# Functions that are Riemann integrable but not Lebesgue integrable

I know there are functions which are Riemann integrable but not Lebesgue integrable, for instance, $$\int_{\mathbb{R}} \frac{\sin(x)}{x} \mathrm{d}x$$

Is Riemann integrable and it is easily shown that its value is $\pi$, nevertheless, it is not Lebesgue integrable because $$\int_{\mathbb{R}} \left|\frac{\sin(x)}{x}\right| \mathrm{d}x$$ diverges. What is going on here?
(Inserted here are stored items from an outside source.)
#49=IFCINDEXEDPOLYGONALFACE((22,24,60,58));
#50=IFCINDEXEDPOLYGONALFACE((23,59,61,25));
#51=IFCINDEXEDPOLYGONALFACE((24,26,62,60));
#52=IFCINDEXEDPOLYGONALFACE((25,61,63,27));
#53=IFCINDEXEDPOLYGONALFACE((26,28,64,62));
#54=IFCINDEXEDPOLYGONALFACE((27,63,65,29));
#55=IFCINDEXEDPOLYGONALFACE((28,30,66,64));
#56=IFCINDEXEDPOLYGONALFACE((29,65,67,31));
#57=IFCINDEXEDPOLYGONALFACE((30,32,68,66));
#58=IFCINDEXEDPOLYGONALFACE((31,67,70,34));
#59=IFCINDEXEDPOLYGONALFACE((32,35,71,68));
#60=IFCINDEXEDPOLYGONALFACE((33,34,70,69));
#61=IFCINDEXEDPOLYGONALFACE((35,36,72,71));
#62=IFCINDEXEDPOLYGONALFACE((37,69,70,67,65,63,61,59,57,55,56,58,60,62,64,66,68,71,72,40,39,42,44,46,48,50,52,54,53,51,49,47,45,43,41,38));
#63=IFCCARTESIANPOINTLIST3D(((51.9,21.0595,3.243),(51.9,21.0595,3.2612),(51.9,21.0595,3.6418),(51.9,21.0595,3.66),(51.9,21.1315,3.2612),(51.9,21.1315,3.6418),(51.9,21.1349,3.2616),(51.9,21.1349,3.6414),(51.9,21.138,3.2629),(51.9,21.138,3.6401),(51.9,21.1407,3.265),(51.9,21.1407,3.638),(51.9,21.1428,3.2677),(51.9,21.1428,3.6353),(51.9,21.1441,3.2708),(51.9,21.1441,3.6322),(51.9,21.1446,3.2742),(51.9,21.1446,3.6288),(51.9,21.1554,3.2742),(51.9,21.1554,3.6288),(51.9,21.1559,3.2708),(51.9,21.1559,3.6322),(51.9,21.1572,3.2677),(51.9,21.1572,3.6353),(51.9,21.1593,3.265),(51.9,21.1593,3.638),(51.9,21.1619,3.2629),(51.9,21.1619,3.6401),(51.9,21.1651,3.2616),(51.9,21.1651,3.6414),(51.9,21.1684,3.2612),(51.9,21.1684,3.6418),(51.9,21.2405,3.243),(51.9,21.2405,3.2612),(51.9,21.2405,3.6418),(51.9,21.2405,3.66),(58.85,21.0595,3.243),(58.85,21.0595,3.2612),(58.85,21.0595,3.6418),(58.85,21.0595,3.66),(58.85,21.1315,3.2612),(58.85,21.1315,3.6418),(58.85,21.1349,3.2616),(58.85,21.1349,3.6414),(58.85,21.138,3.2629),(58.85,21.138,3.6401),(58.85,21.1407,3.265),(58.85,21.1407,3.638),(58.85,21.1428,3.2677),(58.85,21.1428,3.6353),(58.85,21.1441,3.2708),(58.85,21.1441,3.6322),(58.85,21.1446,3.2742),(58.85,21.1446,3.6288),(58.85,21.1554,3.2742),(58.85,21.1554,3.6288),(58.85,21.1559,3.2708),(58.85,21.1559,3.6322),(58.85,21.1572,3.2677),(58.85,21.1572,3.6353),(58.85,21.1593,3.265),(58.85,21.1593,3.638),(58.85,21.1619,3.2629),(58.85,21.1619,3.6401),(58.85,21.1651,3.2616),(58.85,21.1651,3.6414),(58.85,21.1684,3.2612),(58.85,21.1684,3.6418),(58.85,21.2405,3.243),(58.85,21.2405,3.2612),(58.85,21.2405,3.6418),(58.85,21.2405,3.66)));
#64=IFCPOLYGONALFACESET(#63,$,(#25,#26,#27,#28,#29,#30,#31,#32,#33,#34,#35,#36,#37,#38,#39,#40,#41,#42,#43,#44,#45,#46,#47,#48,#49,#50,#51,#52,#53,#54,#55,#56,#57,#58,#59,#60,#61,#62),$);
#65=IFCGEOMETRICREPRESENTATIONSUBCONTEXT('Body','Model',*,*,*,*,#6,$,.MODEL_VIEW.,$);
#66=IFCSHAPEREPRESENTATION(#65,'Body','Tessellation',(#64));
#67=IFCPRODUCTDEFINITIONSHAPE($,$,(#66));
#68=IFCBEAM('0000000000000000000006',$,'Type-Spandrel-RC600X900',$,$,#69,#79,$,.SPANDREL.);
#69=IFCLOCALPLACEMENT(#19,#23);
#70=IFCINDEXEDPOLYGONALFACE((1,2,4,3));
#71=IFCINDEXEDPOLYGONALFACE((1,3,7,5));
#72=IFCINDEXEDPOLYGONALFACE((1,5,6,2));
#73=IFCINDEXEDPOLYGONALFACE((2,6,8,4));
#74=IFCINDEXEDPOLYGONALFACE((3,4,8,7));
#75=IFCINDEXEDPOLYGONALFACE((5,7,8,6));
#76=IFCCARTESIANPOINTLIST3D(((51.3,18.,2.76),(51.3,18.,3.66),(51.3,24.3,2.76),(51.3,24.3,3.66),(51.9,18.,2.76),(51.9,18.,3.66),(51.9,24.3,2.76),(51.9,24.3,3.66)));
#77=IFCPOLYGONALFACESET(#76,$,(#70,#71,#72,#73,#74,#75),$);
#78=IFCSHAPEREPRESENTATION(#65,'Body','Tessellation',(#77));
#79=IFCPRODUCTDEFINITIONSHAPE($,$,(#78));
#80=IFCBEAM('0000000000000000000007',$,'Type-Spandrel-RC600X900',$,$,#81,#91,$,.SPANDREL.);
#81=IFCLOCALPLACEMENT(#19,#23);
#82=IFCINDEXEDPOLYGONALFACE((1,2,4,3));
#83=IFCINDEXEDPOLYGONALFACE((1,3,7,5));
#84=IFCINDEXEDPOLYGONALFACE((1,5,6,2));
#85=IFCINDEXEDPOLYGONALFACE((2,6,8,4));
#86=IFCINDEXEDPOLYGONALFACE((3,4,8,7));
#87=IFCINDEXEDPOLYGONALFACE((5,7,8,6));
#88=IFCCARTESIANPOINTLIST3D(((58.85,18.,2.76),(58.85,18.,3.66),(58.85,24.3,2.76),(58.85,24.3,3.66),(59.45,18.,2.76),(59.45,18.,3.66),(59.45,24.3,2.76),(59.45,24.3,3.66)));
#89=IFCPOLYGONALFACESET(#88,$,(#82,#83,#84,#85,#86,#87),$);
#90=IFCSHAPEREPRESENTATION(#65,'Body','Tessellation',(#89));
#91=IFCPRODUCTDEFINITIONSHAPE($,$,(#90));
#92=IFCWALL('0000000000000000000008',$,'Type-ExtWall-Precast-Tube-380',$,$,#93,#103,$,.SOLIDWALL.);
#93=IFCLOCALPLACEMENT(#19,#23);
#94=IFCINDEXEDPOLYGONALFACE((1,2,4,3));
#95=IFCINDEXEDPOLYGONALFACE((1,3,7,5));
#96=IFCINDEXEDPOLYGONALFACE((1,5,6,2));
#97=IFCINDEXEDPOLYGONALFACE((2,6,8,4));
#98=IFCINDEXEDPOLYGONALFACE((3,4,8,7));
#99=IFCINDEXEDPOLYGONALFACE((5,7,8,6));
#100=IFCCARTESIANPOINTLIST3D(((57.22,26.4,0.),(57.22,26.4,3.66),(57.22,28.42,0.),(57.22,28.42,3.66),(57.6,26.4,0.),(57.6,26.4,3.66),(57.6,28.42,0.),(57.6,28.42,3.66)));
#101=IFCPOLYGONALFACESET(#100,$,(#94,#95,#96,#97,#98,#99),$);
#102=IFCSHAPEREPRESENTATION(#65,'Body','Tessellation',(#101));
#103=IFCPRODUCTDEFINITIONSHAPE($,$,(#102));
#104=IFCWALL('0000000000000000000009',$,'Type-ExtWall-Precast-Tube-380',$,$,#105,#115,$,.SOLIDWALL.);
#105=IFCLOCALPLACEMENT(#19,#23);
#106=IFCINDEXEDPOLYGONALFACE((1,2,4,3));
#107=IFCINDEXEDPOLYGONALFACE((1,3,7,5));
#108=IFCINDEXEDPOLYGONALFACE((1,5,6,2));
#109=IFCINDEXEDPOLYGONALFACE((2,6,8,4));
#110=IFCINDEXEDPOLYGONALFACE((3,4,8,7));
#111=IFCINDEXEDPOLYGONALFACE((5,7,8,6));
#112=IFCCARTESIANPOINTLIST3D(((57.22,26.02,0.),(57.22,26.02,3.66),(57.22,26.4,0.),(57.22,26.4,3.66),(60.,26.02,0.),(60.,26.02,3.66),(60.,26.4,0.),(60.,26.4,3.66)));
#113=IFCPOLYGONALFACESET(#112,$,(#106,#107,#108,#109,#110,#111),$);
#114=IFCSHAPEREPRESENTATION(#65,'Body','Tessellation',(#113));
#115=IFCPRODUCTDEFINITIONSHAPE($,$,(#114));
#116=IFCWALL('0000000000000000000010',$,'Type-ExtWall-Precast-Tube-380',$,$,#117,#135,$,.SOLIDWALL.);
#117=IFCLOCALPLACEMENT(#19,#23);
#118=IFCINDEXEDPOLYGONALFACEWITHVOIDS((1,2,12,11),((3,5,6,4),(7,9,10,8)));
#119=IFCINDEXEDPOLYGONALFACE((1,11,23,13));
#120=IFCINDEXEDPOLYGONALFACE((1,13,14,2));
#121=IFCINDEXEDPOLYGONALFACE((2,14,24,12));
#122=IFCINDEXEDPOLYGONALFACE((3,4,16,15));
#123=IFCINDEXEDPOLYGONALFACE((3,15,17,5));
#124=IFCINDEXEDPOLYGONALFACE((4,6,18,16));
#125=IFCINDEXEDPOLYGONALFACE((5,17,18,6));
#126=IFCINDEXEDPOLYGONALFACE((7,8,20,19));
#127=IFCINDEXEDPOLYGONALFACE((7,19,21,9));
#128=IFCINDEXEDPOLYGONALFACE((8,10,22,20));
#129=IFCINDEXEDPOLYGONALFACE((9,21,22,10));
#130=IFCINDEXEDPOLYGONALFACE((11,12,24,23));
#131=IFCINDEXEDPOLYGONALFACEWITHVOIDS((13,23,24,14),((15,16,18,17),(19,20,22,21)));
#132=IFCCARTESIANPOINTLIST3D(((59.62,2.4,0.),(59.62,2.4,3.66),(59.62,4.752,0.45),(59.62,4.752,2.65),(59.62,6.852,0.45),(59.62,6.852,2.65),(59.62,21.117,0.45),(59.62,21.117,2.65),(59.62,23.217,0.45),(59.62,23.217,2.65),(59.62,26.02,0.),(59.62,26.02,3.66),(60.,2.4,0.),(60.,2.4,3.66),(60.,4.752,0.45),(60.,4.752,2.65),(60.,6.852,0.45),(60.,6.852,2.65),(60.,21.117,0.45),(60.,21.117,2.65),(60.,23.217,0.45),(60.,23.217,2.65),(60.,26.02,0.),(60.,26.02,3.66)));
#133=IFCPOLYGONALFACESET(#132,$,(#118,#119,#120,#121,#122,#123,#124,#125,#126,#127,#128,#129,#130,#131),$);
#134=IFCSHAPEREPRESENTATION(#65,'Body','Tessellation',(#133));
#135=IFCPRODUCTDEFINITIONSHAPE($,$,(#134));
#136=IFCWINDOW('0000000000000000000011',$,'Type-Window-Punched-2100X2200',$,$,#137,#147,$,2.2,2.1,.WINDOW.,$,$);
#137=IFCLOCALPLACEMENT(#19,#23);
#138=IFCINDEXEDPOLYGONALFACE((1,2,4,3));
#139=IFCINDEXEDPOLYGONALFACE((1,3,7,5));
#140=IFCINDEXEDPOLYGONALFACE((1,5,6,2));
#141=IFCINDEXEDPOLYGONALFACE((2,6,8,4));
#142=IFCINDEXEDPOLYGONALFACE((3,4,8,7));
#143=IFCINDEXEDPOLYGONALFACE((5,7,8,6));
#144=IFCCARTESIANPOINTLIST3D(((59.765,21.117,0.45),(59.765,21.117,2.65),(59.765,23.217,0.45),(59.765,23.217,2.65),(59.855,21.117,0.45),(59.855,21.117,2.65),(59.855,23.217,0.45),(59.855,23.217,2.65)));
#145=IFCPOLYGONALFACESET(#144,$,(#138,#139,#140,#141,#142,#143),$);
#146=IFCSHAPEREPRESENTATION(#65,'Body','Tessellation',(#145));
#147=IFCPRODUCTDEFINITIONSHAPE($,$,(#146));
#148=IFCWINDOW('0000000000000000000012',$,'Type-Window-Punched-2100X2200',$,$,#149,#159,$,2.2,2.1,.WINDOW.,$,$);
I thought Lebesgue integration was supposed to be an extension of Riemann integration, kind of like principal values are an "extension" of the notion of improper integral, and if an improper integral converges, it is equal to its principal value, why then every function that is Riemann integrable is not Lebesgue integrable?

Of course the opposite is also true, there are functions which are Lebesgue integrable but not Riemann integrable, so what is going on here? How does one integral notion extend the other and how do they not contradict themselves?

Thank you.

• It's not Riemann integrable, it's improperly Riemann integrable. May 23, 2017 at 19:48
• Define "improperly" integrable please? May 23, 2017 at 19:48
• The Riemann integral is defined only for bounded functions on a bounded interval. The “improper” integral (I dislike the word “improper” here, but it is the conventional term) is defined as a limit og “proper” Riemann integral, in a way that is hopefully familiar to you. So improperly Riemann integrable presumably means the existence of the improper integral in this limit sense. May 23, 2017 at 20:00
• @HaraldHanche-Olsen I have the impression that OP knows that. If I understand correctly, he is asking whether the statement "every function which is Riemann integrable is also Lebesgue integrable" continues to hold for functions which are improperly Riemann integrable. May 23, 2017 at 20:03
• Here is one nugget of possible insight: Functions that are Lebgesgue integrable are analogous to absolutely convergent series. Those that are not Lebesgue integrable, but have an improper integral, correspond to conditionally convergent series. To expand on this, note that if $a_n\ge0$, then $\sum_{n=1}^\infty a_n=\sup\sum_F a_n$, the supremum being over all finite subsets $F\subset\mathbb{N}$. Note the analogue with the definition of the Lebesgue integral of nonnegative functions. May 23, 2017 at 20:20

The following is a bit of a ramble, but I hope you find it a useful collection of information.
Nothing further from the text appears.